Article Figures & Data
Figures
- Figure 1.
CJ14939 inhibited cell growth and reduced the levels of phospho (p)-Janus kinase-1 (JAK1)/signal transducer and activator of transcription-3 (STAT3) in colon cancer cell lines. A: Different colorectal cancer cell lines were seeded in 96-well plates and treated with 360 nM-100 μM CJ14939 for 72 h. 3-(4,5-Dimethylthiazol-2-yl)-5-(3-carboxymethoxyphenyl)-2-(4-sulfophenyl)-2H-tetrazolium assays were then performed to determine the half-maximal inhibitory concentration (IC50) of CJ14939 for each cell line. B: HCT116 and SW620 cells were treated with increasing concentrations of CJ14939, then JAK1, STAT3 and their phosphorylated forms were analyzed by western blotting. CJ14939 inhibited phosphorylation in a concentration-dependent manner. γ-Tubulin was used as a loading control.
- Figure 2.
Synergistic effects were induced in HCT116 cells by CJ14939 and oxaliplatin combination. A: Upper panel: HCT116 cells were treated with CJ14939 (5,000 nM) with/without oxaliplatin (500 nM) for 48 h. Cell death was determined by trypan blue exclusion. Lower panel: After treatment, cells were harvested, lysed, and analyzed by western blot using antibodies against Janus kinase-1 (JAK1)/signal transducer and activator of transcription-3 (STAT3), phospho (p)-JAK1, p-STAT3, and cleaved caspase-3. γ-Tubulin was used as a loading control. B: Upper panel: Colony-forming assays were performed following treatment of HCT116 cells with CJ14939 (5,000 nM) with/without oxaliplatin (500 nM). After 14 days, cells were fixed, stained, and photographed. Representative photographs are shown. Lower panel: The graph shows that relative colony numbers were reduced most by the combination treatment. Data are the means±standard deviation of three separate experiments, performed in triplicate. Significantly different from the control at: *p<0.05, **p<0.01, and ***p<0.001.
- Figure 3.
CJ14939 and oxaliplatin combination treatment induced death in SW620 cells. A: Upper panel: SW620 cells were treated with CJ14939 (5,000 nM) with/without oxaliplatin (500 nM) for 48 h.
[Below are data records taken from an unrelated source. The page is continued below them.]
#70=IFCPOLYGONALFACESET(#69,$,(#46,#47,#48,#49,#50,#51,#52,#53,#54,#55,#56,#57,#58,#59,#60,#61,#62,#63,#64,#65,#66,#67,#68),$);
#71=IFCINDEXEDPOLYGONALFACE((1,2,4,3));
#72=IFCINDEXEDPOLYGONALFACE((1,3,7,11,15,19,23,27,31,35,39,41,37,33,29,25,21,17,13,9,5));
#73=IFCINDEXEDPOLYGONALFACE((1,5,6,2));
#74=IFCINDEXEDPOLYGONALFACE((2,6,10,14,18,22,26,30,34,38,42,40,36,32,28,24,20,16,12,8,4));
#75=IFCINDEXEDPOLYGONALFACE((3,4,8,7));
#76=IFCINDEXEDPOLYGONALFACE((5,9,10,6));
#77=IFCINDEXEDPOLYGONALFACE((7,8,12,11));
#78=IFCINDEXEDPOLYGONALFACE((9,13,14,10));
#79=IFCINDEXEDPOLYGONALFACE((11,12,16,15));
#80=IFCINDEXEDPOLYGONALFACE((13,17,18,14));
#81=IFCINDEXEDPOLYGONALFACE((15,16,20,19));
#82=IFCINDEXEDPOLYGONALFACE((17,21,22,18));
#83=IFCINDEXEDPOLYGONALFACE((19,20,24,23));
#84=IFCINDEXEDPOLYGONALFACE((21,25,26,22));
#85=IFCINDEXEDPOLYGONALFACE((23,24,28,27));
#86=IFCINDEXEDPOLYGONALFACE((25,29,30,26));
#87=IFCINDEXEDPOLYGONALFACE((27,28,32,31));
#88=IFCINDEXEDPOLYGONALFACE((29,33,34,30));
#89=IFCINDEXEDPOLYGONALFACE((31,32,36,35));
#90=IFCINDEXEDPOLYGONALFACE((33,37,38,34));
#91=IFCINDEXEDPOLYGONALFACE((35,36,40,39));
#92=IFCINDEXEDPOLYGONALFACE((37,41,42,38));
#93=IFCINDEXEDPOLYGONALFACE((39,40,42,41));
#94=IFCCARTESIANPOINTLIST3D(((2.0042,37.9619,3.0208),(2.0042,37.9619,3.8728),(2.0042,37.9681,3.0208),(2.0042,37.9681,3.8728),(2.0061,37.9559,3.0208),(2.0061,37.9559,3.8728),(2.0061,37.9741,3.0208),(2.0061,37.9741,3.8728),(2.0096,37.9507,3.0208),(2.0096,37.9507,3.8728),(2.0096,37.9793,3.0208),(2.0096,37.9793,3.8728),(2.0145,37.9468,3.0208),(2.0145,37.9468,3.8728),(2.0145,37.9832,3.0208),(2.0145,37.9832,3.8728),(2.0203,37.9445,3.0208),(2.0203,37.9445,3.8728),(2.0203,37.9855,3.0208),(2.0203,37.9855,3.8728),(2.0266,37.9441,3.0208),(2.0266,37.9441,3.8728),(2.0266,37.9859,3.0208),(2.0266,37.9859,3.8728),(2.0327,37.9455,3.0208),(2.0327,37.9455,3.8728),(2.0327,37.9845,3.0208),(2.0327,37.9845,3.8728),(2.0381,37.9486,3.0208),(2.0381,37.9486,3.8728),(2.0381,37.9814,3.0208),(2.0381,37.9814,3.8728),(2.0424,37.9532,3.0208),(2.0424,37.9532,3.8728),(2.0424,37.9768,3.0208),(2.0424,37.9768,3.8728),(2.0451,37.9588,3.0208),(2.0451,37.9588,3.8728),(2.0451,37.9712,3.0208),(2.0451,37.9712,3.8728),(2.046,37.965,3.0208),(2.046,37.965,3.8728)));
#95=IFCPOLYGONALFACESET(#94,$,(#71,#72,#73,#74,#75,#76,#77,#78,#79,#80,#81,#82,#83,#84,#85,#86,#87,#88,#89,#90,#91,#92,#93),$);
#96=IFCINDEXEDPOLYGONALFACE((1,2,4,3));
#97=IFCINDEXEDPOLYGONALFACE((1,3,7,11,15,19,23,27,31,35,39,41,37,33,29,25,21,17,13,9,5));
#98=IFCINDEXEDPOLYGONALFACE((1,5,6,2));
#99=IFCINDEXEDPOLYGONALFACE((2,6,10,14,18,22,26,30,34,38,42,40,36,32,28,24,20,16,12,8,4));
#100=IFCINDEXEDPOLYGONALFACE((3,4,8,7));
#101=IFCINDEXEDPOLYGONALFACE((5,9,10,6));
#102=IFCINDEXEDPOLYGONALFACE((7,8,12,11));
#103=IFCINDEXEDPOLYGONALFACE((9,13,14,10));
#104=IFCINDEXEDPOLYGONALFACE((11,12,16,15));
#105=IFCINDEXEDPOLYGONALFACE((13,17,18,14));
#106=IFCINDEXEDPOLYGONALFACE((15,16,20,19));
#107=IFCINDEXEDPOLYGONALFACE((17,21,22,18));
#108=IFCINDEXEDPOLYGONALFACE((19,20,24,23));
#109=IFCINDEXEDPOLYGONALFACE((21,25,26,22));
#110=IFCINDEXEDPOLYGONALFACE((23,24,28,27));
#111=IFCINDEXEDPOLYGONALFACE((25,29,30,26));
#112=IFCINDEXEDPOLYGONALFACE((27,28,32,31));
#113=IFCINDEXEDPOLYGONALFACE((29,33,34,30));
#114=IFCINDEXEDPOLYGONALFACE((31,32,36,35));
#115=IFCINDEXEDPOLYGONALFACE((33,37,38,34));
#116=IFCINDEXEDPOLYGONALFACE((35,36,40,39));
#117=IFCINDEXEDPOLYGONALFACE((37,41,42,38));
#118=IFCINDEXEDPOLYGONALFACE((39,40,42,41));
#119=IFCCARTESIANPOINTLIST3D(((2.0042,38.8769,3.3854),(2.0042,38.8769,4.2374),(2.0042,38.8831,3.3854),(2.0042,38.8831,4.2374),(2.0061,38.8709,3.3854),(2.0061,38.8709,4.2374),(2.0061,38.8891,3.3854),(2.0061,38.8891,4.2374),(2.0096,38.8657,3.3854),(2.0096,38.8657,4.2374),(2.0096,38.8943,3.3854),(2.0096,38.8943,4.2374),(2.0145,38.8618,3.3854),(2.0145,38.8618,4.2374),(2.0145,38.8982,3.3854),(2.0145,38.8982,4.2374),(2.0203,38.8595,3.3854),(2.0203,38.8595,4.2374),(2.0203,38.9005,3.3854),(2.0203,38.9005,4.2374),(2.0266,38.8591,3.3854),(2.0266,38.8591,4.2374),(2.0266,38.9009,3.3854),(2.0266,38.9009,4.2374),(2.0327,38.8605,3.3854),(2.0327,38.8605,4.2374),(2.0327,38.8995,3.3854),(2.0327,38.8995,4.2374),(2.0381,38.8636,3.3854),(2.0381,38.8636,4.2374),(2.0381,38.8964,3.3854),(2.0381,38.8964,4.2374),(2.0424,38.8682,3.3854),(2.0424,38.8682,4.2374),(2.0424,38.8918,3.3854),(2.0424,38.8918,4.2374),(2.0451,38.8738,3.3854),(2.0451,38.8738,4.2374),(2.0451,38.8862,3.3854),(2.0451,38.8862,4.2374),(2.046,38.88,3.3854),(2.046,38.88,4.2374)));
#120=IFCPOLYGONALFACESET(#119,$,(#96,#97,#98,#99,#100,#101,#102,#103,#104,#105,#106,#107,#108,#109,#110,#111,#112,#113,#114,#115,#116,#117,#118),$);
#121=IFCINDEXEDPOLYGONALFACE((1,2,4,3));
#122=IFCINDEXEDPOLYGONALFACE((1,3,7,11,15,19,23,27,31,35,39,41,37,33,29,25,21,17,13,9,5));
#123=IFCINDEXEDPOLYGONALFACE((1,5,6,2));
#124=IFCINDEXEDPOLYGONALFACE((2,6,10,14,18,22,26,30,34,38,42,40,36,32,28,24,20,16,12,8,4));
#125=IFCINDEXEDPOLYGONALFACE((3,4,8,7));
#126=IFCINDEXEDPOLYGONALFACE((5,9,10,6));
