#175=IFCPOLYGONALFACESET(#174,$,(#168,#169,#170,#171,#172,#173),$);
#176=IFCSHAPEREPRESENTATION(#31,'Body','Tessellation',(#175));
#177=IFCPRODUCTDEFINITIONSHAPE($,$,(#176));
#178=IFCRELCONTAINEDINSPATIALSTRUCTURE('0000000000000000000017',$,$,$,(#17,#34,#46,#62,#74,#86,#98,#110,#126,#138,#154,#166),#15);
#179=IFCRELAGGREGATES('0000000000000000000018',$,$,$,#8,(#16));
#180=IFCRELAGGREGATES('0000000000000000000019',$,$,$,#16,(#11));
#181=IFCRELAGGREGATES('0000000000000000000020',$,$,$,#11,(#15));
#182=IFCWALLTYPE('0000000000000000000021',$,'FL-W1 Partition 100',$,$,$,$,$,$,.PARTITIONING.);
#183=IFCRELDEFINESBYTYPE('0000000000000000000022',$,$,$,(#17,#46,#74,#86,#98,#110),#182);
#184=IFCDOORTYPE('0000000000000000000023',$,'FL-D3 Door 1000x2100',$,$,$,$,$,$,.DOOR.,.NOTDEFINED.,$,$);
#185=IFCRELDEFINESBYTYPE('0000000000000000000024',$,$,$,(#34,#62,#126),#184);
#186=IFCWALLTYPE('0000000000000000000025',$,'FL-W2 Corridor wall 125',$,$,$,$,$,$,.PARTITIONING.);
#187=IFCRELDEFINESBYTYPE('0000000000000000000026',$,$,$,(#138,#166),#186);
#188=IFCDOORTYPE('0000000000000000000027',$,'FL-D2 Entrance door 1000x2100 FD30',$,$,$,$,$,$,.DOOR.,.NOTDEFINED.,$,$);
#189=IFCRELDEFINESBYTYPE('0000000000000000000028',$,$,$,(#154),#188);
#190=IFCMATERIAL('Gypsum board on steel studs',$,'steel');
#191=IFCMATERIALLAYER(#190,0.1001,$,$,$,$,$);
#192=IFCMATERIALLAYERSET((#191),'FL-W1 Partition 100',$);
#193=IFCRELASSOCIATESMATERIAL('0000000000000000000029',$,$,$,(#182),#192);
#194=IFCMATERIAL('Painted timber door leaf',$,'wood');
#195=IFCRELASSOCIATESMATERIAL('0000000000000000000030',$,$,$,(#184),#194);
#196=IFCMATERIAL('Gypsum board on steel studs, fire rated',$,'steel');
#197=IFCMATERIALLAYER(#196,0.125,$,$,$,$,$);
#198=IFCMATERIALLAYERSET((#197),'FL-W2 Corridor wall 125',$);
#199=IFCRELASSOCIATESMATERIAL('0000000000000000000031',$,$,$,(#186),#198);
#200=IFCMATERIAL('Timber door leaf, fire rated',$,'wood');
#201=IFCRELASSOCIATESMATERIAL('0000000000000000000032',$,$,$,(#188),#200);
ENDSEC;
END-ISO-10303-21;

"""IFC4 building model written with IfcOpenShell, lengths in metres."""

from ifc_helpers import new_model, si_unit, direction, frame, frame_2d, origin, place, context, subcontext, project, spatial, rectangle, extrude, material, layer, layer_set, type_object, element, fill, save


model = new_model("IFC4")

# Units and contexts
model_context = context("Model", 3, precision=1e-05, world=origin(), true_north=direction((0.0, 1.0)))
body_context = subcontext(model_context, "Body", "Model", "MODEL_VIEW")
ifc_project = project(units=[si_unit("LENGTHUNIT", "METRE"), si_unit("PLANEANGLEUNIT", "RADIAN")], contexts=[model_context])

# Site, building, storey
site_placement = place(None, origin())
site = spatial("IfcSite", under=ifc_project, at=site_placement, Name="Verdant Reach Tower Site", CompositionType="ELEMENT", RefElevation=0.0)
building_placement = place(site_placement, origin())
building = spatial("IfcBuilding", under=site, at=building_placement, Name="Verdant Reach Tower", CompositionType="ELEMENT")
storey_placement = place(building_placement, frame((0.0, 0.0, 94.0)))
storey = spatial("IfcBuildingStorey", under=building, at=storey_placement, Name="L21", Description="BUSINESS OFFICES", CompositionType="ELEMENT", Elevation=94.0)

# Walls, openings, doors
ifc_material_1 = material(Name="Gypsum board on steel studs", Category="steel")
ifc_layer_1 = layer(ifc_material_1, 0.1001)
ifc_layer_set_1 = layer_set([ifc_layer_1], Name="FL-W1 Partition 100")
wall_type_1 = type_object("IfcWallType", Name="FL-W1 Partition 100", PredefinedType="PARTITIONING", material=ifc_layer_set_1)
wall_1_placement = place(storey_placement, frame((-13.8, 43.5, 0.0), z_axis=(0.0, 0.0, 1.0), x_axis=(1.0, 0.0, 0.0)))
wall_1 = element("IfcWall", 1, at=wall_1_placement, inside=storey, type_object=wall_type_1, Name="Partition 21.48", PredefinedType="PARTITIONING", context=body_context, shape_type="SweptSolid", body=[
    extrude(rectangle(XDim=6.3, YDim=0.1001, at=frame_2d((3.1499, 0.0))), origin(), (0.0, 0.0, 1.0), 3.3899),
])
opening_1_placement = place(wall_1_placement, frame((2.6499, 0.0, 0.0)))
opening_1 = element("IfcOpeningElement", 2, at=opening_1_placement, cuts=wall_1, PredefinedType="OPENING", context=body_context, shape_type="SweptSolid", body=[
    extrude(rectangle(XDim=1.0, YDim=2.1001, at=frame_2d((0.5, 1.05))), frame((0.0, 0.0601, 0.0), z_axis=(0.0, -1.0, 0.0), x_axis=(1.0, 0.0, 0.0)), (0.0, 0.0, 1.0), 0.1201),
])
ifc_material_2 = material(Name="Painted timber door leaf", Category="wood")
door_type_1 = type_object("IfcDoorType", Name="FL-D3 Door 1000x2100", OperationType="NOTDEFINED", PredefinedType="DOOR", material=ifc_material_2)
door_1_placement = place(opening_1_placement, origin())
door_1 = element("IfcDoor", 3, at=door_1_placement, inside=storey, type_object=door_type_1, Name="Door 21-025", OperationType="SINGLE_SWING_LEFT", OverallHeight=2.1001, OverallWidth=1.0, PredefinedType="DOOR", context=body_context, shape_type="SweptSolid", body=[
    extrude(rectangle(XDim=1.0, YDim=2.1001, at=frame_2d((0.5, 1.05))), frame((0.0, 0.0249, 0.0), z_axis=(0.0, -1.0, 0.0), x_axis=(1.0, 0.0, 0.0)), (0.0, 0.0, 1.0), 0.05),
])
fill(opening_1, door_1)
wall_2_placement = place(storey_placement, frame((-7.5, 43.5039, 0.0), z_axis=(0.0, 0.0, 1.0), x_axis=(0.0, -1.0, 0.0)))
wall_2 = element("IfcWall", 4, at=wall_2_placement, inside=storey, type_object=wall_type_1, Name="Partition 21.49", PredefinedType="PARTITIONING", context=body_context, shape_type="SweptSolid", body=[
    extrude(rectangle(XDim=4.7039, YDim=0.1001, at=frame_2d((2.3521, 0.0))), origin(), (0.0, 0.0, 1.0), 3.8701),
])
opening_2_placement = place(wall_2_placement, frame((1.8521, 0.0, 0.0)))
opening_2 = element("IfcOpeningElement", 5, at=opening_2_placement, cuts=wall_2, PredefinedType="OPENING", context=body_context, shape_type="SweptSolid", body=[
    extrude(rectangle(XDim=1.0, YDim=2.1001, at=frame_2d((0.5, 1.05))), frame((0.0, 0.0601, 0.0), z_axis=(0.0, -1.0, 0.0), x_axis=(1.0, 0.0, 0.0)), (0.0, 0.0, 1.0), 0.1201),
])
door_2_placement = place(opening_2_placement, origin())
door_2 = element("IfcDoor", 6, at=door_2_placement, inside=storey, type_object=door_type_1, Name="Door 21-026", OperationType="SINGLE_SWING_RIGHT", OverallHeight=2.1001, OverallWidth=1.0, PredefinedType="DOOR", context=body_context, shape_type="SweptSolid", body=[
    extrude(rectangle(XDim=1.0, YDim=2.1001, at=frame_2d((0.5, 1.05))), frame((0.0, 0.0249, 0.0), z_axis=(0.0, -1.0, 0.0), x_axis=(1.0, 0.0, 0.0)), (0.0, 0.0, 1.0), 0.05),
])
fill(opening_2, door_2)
Cell death was determined by trypan blue exclusion. Lower panel: After treatment, cells were harvested, lysed, and analyzed by western blot using antibodies against Janus kinase-1 (JAK1)/signal transducer and activator of transcription-3 (STAT3), phospho (p)-JAK1, p-STAT3, and cleaved caspase-3. γ-Tubulin was used as a loading control. B: Upper panel: Colony-forming assays were performed following treatment of SW620 cells with CJ14939 (5,000 nM) with/without oxaliplatin (500 nM). After 14 days, cells were fixed, stained, and photographed. Representative photographs are shown. Lower panel: The graph shows that relative colony numbers were reduced most by the combination treatment. Data are the means±standard deviation of three separate experiments, performed in triplicate. *Significantly different from the control at p<0.05.
- Figure 4.
CJ14939 enhanced the anticancer effect of oxaliplatin in a colorectal cancer cell-derived xenograft model. Balb-C nude mice were injected subcutaneously with SW620 cells. When tumor volumes reached 100 mm3, CJ14939 (50 mg/kg) was administered by oral gavage for 18 days, with/without oxaliplatin (6 mg/kg). Tumor volumes and body weights were measured every 3 days. At the end of the experiment, mice were sacrificed, and tumor sizes checked and photographed. A: Mean tumor volumes over the experimental course. B: Relative tumor size. C: Mean relative body weights were unchanged by CJ14939, oxaliplatin, and their combination. *Significantly different from the vehicle-treated control at p<0.05.